Don't get me wrong the temps are fine and only peaking at around 53ish degrees when under heavy load but I was hoping using this method I could reduce my required volts and thus temps allowing me a little more headroom.

Also, when doing this I have changed the power saving functions and some of the LLC stuff but left everything else to auto. I've noticed when I do this though my memory timings go way out of whack compared to the rated 9-9-9-24 that it should be. Any thoughts?
 
If you benchmark with cinebench, I found that although temps and voltages are roughly the same, the score went up (managed to get 796 with my fsb at 270 compared to 740ish with fsb at stock, both at the same 4.8Ghz).

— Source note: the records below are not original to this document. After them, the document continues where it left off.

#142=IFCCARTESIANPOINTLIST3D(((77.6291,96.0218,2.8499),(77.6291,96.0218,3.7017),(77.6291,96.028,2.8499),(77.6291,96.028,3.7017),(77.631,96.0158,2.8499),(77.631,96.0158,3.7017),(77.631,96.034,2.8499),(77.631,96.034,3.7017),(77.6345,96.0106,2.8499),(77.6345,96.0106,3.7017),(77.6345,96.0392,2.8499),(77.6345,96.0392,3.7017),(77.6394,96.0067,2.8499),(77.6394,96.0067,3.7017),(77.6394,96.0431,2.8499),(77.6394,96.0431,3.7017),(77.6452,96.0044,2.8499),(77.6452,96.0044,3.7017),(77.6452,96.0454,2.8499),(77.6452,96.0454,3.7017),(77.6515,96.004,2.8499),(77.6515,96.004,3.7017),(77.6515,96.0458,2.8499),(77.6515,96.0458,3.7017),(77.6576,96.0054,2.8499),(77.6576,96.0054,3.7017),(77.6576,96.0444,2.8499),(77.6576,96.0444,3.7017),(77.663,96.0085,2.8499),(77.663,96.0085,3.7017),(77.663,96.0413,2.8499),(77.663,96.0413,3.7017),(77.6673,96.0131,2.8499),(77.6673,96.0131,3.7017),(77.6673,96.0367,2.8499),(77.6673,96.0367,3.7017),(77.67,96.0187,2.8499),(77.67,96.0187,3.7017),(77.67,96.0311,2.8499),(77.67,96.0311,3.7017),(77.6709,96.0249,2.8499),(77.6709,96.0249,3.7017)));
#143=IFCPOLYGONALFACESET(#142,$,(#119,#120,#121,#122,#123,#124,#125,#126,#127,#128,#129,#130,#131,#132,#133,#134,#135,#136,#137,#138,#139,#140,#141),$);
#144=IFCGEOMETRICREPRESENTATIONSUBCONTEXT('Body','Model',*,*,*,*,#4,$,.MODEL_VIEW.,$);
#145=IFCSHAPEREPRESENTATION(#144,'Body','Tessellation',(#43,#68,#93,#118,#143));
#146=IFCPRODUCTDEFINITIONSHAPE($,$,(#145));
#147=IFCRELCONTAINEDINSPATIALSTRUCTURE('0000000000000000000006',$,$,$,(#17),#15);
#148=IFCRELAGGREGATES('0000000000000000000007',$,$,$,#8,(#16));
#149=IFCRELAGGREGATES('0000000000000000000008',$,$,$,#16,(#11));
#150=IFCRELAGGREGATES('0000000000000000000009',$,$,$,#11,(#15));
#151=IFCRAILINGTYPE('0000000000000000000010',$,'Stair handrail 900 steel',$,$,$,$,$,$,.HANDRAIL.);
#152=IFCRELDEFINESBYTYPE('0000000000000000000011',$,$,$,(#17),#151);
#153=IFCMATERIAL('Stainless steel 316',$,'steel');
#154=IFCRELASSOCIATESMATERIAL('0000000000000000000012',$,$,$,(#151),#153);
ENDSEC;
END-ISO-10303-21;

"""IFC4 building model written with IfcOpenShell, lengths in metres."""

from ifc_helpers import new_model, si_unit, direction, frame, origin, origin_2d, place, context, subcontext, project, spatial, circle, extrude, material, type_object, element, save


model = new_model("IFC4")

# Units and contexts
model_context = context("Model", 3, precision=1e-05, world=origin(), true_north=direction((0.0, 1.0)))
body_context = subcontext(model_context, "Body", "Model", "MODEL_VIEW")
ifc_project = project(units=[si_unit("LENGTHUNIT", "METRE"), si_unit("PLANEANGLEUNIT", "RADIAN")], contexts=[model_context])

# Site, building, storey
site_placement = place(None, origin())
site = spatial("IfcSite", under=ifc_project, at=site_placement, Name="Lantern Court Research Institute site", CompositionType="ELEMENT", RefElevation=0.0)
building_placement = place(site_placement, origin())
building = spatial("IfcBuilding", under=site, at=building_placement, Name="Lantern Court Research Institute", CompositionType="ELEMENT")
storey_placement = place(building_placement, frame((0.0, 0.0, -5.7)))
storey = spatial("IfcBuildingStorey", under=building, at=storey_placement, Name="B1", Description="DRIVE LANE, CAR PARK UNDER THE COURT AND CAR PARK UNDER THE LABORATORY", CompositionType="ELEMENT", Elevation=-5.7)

You have to set the ram settings manually if you mess around with manual functions for some reason

@jimbaw, never used a gigabyte board but on my asus I can change the power mode to asus optimised, maybe there is something like that on the gigabyte which could help stabilise?
 
If you benchmark with cinebench, I found that although temps and voltages are roughly the same, the score went up (managed to get 796 with my fsb at 270 compared to 740ish with fsb at stock, both at the same 4.8Ghz).

You have to set the ram settings manually if you mess around with manual functions for some reason

@Jimbaw, never used a gigabyte board but on my asus I can change the power mode to asus optimised, maybe there is something like that on the gigabyte which could help stabilise?

I've got all my settings optimised (I think) so I'll have another look see if I can find something similar.
If not, I'll just try with the multi for now.